Interestingly, when the daughter crystals 1b and 1c are soaked in DMF for 4 days, the unit cell parameters change to those of the mother crystal 1, giving an identical structure of the mother crystal, corroborating reverse SC–SC transformation. This observation is further shown in IR measurements (Fig. S20 and S21, ESI), which show no peaks for the aldehyde molecules. The similarity between PXRD patterns of respective DMF soaked daughter crystals and 1 supports the bulk transformation (Fig. S8, ESI). Thus, the mother framework represents a dynamic porous coordination polymer in the true sense, where guest shape-responsive fitting and guest release inside the channels are realized in a complete single-crystal-to-single-crystal manner. This unique property renders framework 1 a deliverable container for aromatic guest aldehydes under ambient conditions. We further searched for the SC–SC transformation cycles for individual guest loaded frameworks 1a, 1b and 1c. In each case, the PXRD patterns clearly demonstrate that the structural integrity is maintained up to two cycles, after which the framework collapses (Fig. S22–S24, ESI). However, cross exchange of guest aldehyde molecules in the cavity is not possible between the daughter crystals even after long-term exposure. We were also unsuccessful in loading other aromatic aldehydes like 4-nitrobenzaldehyde, 4-hydroxybenzaldehyde, 4-methoxybenzaldehyde and 4-bromobenzaldehyde inside 1, which reflects a substantial affinity of the host framework to the above discussed aldehydes (Scheme 1) only.

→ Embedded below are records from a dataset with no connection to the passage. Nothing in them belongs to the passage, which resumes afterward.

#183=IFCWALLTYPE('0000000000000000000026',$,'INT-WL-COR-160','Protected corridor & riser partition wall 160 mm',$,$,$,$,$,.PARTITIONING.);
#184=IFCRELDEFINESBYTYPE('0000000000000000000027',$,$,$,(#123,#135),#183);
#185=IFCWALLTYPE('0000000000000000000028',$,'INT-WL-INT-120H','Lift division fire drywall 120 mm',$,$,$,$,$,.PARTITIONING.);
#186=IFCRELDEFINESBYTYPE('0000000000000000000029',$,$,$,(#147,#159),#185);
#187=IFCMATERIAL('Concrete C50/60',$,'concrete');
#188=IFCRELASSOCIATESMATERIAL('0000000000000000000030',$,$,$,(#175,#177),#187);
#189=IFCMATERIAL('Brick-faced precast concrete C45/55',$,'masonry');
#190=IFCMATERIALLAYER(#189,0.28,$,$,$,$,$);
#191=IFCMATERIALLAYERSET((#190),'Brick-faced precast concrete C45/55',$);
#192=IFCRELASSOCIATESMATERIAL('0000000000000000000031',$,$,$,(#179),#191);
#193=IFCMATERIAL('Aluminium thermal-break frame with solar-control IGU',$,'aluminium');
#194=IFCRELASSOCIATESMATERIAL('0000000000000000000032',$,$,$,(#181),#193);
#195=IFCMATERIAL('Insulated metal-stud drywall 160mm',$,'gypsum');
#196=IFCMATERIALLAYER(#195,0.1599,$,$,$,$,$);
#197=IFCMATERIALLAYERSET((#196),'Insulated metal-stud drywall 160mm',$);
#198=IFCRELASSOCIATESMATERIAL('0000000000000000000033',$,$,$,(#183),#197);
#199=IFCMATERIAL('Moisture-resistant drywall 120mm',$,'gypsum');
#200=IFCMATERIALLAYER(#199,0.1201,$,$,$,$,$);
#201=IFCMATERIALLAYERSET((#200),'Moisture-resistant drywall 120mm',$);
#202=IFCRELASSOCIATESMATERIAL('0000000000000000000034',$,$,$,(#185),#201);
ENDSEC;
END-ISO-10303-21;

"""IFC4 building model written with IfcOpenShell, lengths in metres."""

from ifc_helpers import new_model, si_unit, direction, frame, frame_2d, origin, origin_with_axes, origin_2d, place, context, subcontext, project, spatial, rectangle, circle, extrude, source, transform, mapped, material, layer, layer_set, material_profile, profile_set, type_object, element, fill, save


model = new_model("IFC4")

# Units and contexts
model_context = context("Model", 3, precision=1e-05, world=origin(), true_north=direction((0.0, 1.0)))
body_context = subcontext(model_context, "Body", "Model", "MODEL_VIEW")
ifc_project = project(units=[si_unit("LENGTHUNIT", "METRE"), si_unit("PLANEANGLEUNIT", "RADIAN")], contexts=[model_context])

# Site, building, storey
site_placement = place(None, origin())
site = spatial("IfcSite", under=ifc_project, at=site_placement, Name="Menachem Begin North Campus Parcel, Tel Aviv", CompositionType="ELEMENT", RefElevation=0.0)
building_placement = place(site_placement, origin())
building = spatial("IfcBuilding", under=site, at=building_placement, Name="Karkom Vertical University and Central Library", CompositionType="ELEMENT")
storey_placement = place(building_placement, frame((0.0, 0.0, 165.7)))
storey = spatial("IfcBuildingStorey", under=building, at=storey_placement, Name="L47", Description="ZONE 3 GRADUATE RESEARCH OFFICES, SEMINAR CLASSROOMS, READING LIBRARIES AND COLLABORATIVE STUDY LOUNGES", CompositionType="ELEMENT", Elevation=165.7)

In conclusion, by rationally choosing the flexible ligand H2L, we have synthesized a flexible Gd(III) framework (1), containing two different channels. The lattice water molecules of channel B can be completely replaced by the 4-chlorobenzaldehyde guest to afford the guest encapsulated framework 1avia SC–SC transformation. The overall framework of 1a, including carboxylate connectivities to the Gd(III) centre, and dimensionalities of channels remain the same as that of the mother framework. On the other hand, two new daughter frameworks are formed when crystals of 1 are separately exposed to the vapors of 4-fluorobenzaldehyde (framework 1b) and 4-methylbenzaldehyde (framework 1c). In sharp contrast to 1a, both the later transformations involve several “carboxylate shift” processes, accompanied by substantial changes in the ligand conformation and the metal coordination environment. Additionally, the later SC–SC transformations accompany substantial opening of channel A and closing of channel B. We assume that such a pronounced channel distortion is a consequence of different positioning of the guest aldehyde molecules inside framework voids. The understanding of such a non-coordinating guest-driven, anomalous structural transition, followed by molecular motion, offers ways to explain various dynamic aspects of coordination polymers, besides being potentially used in fabricating molecular devices. More significantly, all the host–guest complexes revert back to the mother crystal (1) in a single-crystal-to-single-crystal manner when kept in DMF, rendering framework 1 a flexible and deliverable container for the aromatic aldehydes. Given the immense importance of realizing the “guest shape-responsive fitting” or dynamic guest accommodation of the voids, the present research paper allows the prospect of trapping even very reactive species that are unstable outside the restricted environment. We are currently working along these lines.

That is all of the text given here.